Prior investigation of Tn expression in paired tumor and normal colorectal tissue samples has also been conducted using the anti-Tn monoclonal IgM BaGs6 (CA3638) which was obtained from the ascites of mice immunized with Tn-expressing cells. BaGs6 has been described as recognizing glycoconjugates containing GalNAcα1-O-Ser/Thr but not blood group A or similar glycans terminating in GalNAc, though its formation is experimentally variable due to the nature of the use of unmodified mouse ascites (19, 20). The Tn antigen has been detected using this reagent in over 90% of CRC, seldom in normal colorectal tissue, and to some degree in histologically normal-appearing peritumoral mucosa, though too few peritumoral samples have been examined to establish definitive Tn expression patterns (18).

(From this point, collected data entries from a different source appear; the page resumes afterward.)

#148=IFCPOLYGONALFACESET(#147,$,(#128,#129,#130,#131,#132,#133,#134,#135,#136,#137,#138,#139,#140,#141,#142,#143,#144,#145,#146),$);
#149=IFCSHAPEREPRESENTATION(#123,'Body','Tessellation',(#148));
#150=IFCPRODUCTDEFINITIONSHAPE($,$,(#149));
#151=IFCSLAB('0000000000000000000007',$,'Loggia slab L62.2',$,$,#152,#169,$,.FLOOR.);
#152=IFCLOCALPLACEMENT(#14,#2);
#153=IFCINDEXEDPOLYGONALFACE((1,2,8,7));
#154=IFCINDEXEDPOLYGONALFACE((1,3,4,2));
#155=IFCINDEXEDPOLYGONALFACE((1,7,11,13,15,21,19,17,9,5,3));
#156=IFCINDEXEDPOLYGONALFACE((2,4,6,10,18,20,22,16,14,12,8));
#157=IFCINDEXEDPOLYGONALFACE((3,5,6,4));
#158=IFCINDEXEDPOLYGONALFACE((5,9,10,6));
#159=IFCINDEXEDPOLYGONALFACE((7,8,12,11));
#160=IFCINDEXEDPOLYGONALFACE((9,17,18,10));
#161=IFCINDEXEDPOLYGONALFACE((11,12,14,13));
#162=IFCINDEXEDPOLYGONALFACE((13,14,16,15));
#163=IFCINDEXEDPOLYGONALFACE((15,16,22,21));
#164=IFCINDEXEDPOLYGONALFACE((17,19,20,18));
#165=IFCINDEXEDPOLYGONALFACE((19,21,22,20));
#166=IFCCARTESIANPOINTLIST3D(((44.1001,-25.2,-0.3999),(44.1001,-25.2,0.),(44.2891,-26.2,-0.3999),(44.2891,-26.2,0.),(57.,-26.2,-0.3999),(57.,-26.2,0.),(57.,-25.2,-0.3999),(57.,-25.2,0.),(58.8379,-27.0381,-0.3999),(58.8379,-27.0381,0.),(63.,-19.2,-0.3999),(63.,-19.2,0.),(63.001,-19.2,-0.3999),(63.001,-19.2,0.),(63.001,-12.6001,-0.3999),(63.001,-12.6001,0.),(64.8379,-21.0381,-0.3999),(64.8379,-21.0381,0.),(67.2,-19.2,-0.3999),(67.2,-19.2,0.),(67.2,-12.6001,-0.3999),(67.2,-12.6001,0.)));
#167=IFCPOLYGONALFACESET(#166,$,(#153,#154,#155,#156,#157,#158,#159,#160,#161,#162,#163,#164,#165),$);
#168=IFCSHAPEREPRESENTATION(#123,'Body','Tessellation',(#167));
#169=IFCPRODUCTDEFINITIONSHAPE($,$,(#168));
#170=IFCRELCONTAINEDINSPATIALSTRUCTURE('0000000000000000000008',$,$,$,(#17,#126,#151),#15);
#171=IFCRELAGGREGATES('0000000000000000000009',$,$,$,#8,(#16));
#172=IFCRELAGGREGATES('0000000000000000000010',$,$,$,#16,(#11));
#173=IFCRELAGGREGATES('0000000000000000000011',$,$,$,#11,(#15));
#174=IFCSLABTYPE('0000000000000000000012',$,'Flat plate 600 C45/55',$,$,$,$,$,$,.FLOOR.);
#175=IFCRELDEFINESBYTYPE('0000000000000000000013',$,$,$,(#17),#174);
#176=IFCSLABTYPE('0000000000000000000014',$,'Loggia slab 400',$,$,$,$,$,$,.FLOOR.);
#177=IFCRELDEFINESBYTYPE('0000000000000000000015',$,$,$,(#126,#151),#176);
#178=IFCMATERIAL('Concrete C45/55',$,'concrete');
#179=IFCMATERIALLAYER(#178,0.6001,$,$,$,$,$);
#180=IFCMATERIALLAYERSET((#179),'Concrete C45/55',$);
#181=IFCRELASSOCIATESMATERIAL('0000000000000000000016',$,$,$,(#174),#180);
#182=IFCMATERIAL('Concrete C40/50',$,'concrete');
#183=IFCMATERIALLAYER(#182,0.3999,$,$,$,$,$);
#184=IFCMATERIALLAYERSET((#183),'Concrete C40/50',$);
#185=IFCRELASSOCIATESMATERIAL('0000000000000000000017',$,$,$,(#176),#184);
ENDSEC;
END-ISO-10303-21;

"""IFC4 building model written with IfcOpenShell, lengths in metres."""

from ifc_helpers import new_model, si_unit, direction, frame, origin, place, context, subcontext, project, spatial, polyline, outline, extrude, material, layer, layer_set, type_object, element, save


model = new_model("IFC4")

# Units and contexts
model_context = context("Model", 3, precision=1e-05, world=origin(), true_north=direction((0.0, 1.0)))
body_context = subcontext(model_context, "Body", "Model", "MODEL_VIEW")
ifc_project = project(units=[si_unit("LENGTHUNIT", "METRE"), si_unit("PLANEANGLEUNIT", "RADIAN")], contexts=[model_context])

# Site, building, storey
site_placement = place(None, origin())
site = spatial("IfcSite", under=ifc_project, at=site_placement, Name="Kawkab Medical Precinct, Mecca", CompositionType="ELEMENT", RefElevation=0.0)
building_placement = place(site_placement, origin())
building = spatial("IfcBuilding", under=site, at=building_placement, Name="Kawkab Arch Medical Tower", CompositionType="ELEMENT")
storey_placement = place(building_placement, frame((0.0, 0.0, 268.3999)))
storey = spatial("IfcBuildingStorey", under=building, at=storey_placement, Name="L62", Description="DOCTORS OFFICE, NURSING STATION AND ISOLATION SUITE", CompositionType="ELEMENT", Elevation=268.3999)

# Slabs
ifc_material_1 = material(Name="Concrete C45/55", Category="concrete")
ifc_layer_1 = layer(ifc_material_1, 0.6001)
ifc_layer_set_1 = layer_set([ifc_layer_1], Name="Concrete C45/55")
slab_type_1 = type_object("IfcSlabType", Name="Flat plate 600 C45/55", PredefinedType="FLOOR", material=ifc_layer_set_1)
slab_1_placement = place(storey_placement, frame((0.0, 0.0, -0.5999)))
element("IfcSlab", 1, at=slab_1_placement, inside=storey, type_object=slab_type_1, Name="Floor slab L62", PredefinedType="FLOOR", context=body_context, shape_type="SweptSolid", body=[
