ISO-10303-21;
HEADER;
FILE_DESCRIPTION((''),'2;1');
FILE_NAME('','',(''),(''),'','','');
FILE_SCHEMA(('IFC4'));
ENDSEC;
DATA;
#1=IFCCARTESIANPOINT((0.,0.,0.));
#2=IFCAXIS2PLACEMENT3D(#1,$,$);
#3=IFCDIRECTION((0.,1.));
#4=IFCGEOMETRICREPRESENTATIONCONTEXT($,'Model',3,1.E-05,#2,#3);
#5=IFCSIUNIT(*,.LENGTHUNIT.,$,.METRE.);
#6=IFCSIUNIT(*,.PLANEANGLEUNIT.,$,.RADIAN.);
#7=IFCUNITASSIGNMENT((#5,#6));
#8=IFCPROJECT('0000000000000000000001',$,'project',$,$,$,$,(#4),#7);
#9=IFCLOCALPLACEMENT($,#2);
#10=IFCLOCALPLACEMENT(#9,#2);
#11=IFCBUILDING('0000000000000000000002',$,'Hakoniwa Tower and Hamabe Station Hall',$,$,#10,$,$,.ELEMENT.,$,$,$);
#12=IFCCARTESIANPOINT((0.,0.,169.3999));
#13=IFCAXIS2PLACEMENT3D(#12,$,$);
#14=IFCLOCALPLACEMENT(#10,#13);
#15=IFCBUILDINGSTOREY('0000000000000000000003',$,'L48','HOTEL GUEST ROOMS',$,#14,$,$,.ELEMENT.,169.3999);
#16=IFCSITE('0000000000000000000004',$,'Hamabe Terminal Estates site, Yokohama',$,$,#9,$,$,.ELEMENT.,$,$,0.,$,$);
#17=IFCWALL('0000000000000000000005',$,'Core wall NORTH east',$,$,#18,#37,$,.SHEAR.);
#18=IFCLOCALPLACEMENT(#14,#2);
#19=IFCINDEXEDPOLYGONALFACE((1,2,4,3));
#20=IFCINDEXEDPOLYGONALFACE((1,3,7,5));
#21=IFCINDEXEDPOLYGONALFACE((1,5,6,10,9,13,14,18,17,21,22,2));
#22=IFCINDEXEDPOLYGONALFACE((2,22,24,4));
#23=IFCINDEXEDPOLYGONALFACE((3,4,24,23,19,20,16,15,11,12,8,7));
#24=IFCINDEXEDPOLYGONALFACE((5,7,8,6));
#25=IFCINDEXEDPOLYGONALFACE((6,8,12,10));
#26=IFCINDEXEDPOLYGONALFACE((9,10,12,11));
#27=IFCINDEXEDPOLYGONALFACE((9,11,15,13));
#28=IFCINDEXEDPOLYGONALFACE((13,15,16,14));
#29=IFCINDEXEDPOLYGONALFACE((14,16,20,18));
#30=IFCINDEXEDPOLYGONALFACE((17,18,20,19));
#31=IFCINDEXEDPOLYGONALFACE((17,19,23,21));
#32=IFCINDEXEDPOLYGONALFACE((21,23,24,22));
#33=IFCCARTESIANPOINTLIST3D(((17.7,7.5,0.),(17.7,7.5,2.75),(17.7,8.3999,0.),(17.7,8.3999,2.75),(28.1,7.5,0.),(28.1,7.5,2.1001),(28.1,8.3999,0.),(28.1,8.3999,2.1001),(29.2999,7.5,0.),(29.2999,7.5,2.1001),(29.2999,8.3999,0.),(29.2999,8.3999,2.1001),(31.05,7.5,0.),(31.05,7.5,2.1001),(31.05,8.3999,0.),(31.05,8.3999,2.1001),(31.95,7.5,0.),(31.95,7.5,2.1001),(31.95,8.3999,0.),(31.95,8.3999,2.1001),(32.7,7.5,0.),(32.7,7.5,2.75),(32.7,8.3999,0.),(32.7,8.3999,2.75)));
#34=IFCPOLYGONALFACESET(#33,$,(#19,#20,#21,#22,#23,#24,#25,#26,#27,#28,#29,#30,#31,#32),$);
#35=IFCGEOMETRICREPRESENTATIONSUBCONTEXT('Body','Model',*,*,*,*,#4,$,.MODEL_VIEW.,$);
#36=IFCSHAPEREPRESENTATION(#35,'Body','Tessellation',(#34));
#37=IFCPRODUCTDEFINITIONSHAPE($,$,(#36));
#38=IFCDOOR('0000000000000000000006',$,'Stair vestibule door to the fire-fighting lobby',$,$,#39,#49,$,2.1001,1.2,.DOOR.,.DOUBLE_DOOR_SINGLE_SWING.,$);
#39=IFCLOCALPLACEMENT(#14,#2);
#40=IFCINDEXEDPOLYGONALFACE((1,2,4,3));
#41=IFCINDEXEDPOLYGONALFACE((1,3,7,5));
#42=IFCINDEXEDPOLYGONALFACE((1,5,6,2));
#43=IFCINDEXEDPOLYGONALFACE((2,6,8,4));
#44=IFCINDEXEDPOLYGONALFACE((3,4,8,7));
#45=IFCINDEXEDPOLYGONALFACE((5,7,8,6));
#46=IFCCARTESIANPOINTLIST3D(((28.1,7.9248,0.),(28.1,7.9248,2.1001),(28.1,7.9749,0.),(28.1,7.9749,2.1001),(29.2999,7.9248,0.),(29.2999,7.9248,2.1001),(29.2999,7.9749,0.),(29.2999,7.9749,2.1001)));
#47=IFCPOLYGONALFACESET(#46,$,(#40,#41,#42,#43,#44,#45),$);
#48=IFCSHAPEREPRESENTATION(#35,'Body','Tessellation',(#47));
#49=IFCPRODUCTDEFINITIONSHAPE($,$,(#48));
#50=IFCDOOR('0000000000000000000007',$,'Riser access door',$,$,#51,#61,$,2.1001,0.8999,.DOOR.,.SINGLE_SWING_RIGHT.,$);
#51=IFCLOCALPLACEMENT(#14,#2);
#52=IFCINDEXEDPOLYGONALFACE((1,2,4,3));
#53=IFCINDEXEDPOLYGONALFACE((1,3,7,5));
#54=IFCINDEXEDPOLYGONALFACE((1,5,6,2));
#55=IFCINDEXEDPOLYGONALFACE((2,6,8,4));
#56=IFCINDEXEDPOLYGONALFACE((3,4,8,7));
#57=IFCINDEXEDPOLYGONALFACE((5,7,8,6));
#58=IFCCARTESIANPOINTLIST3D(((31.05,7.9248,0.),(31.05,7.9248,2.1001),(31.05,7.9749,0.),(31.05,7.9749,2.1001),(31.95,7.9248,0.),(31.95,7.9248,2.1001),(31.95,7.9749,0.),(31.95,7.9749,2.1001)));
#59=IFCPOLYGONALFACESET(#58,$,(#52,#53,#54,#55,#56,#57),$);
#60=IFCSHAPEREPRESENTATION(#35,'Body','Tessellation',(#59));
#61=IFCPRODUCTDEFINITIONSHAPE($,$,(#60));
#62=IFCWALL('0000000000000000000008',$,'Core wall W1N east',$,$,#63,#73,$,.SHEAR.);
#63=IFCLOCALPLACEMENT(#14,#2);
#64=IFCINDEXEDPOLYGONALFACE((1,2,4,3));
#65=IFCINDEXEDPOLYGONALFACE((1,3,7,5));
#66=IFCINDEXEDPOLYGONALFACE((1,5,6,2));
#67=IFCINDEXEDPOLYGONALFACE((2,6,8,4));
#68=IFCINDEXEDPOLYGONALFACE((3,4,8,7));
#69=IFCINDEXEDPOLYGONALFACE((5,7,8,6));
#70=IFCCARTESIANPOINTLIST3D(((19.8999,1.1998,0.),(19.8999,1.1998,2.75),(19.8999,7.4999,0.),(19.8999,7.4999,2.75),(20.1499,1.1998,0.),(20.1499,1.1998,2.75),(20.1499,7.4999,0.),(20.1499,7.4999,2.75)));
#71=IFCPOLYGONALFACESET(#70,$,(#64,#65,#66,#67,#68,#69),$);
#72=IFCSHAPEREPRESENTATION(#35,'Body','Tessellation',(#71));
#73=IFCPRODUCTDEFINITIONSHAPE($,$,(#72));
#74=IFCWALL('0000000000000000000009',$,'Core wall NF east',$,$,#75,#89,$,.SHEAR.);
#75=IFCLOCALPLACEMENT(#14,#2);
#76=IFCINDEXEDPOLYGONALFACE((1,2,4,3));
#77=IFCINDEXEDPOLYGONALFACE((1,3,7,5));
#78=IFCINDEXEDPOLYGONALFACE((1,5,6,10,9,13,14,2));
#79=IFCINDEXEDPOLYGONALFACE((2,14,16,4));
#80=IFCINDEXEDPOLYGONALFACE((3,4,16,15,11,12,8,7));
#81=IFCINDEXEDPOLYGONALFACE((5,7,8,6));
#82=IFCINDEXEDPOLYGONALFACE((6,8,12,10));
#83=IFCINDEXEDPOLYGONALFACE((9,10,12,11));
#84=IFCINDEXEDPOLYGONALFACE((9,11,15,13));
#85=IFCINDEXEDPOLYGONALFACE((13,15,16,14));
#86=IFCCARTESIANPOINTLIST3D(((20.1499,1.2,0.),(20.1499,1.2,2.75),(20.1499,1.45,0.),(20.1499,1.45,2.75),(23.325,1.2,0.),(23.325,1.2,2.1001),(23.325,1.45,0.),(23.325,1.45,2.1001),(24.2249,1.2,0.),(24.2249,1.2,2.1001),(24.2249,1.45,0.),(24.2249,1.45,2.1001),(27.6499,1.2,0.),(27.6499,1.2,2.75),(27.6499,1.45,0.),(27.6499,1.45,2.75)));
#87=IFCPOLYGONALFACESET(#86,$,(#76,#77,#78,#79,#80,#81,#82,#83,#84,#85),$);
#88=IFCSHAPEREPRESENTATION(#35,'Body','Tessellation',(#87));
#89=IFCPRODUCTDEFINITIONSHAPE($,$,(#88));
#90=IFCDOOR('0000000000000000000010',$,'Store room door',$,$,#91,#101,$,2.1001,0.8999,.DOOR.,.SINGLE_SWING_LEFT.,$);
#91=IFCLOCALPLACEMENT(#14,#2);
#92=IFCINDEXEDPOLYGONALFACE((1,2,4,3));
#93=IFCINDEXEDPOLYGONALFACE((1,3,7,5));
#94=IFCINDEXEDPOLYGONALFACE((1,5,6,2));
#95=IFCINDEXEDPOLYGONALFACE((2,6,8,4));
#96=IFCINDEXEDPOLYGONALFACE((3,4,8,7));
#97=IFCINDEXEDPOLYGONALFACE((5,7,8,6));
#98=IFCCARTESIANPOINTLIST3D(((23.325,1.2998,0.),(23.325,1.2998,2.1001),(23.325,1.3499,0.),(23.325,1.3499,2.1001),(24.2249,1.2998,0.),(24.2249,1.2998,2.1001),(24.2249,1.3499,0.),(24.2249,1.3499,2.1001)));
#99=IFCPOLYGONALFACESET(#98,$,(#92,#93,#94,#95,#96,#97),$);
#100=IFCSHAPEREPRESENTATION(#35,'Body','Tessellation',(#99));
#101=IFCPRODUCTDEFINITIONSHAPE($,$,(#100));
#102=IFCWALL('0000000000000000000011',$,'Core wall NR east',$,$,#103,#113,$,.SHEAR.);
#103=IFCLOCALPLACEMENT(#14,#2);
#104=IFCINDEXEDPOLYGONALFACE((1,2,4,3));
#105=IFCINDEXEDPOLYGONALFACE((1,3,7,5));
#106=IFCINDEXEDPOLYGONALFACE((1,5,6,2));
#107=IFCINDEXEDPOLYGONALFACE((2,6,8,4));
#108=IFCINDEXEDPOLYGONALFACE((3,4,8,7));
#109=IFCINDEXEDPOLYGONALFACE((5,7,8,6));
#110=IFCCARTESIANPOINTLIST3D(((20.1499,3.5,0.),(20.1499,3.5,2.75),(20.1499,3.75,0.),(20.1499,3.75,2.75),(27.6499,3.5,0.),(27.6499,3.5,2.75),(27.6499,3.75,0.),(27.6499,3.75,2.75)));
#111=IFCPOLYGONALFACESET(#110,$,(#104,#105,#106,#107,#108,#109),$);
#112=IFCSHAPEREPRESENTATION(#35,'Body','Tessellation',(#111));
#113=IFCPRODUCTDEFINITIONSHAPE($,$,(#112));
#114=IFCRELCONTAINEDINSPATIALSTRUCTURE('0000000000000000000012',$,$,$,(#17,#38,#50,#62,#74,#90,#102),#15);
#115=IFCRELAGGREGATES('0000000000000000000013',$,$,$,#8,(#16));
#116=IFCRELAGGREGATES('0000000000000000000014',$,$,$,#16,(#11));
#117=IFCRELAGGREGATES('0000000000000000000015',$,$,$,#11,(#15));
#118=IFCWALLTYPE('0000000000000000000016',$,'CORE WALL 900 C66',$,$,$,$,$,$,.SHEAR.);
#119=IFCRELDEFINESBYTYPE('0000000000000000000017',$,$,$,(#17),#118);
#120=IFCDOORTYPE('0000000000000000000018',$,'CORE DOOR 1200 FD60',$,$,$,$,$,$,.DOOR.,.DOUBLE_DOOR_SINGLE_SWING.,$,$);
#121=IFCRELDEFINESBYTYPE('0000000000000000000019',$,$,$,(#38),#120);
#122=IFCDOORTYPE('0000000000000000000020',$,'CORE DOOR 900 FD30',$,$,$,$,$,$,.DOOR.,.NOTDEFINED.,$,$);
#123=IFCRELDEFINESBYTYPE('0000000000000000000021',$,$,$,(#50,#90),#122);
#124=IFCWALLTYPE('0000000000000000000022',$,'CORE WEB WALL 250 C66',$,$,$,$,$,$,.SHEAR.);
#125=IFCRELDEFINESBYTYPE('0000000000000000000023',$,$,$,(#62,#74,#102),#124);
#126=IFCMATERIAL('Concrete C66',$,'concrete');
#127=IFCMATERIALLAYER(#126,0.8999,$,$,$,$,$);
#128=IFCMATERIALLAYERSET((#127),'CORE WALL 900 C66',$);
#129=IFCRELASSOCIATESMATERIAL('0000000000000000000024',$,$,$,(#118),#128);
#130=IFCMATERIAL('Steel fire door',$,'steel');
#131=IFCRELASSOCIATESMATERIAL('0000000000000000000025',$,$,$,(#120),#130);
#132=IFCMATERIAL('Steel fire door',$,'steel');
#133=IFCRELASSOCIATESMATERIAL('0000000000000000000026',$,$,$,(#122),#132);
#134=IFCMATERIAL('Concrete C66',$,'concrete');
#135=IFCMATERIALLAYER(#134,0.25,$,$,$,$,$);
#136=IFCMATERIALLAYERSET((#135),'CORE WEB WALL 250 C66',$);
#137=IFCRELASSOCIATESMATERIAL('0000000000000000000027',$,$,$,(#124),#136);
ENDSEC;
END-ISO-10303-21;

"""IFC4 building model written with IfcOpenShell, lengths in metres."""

from ifc_helpers import new_model, si_unit, direction, frame, frame_2d, origin, place, context, subcontext, project, spatial, rectangle, extrude, material, layer, layer_set, type_object, element, fill, save


model = new_model("IFC4")

# Units and contexts
model_context = context("Model", 3, precision=1e-05, world=origin(), true_north=direction((0.0, 1.0)))
body_context = subcontext(model_context, "Body", "Model", "MODEL_VIEW")
ifc_project = project(units=[si_unit("LENGTHUNIT", "METRE"), si_unit("PLANEANGLEUNIT", "RADIAN")], contexts=[model_context])

# Site, building, storey
site_placement = place(None, origin())
site = spatial("IfcSite", under=ifc_project, at=site_placement, Name="Hamabe Terminal Estates site, Yokohama", CompositionType="ELEMENT", RefElevation=0.0)
building_placement = place(site_placement, origin())
building = spatial("IfcBuilding", under=site, at=building_placement, Name="Hakoniwa Tower and Hamabe Station Hall", CompositionType="ELEMENT")
storey_placement = place(building_placement, frame((0.0, 0.0, 169.3999)))
storey = spatial("IfcBuildingStorey", under=building, at=storey_placement, Name="L48", Description="HOTEL GUEST ROOMS", CompositionType="ELEMENT", Elevation=169.3999)

# Wall, openings, doors
ifc_material_1 = material(Name="Concrete C66", Category="concrete")
ifc_layer_1 = layer(ifc_material_1, 0.8999)
ifc_layer_set_1 = layer_set([ifc_layer_1], Name="CORE WALL 900 C66")
wall_type_1 = type_object("IfcWallType", Name="CORE WALL 900 C66", PredefinedType="SHEAR", material=ifc_layer_set_1)
wall_1_placement = place(storey_placement, frame((17.7, 7.95, 0.0), z_axis=(0.0, 0.0, 1.0), x_axis=(1.0, 0.0, 0.0)))
wall_1 = element("IfcWall", 1, at=wall_1_placement, inside=storey, type_object=wall_type_1, Name="Core wall NORTH east", PredefinedType="SHEAR", context=body_context, shape_type="SweptSolid", body=[
    extrude(rectangle(XDim=15.0, YDim=0.8999, at=frame_2d((7.5, 0.0))), origin(), (0.0, 0.0, 1.0), 2.75),
])
opening_1_placement = place(wall_1_placement, frame((10.3999, 0.0, 0.0)))
opening_1 = element("IfcOpeningElement", 2, at=opening_1_placement, cuts=wall_1, PredefinedType="OPENING", context=body_context, shape_type="SweptSolid", body=[
    extrude(rectangle(XDim=1.2, YDim=2.1001, at=frame_2d((0.6001, 1.05))), frame((0.0, 0.46, 0.0), z_axis=(0.0, -1.0, 0.0), x_axis=(1.0, 0.0, 0.0)), (0.0, 0.0, 1.0), 0.9199),
])
opening_2_placement = place(wall_1_placement, frame((13.3501, 0.0, 0.0)))
opening_2 = element("IfcOpeningElement", 3, at=opening_2_placement, cuts=wall_1, PredefinedType="OPENING", context=body_context, shape_type="SweptSolid", body=[
    extrude(rectangle(XDim=0.8999, YDim=2.1001, at=frame_2d((0.45, 1.05))), frame((0.0, 0.46, 0.0), z_axis=(0.0, -1.0, 0.0), x_axis=(1.0, 0.0, 0.0)), (0.0, 0.0, 1.0), 0.9199),
])
ifc_material_2 = material(Name="Steel fire door", Category="steel")
door_type_1 = type_object("IfcDoorType", Name="CORE DOOR 1200 FD60", OperationType="DOUBLE_DOOR_SINGLE_SWING", PredefinedType="DOOR", material=ifc_material_2)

We generated a recombinant antibody derived from BaGs6 and produced it in both a recombinant murine IgM form (ReBaGs6) and a human IgG1 form (Remab6) (21). ReBaGs6 is recombinant expressed in human HEK293 cells and provides a reagent with remarkably high affinity and specificity for clustered Tn antigen. This has been previously validated using a Tn glycopeptide microarray containing various peptides with one or more Tn antigens, including peptides modeled to mimic the hinge region of human IgA1; while ReBaGs6 demonstrated high affinity for di- and tri-Tn structures on mucin-derived glycopeptides, it only weakly bound to glycopeptides modeled after IgA1 and other non-Tn terminal GalNAc structures such as blood group A glycans (21). Additionally, ReBaGs6 has demonstrated efficacy in immunohistochemical applications. While binding of ReBaGs6 was not observed in normal murine intestinal tissues, extensive staining was observed in tissues from mice engineered to express Tn antigen via intraepithelial knockout of COSMC (C1GalT1C1), which encodes an essential chaperone required for elaboration of O-glycans under physiologic circumstances (21).
The objective of this study is therefore to provide the first detailed immunohistochemical analysis of Tn and STn expression patterns in CRC, and in matched benign peri-tumoral colonic mucosa, and mucosa distant from the tumor, using these well-defined monoclonal antibodies, with comparison to VVA lectin staining.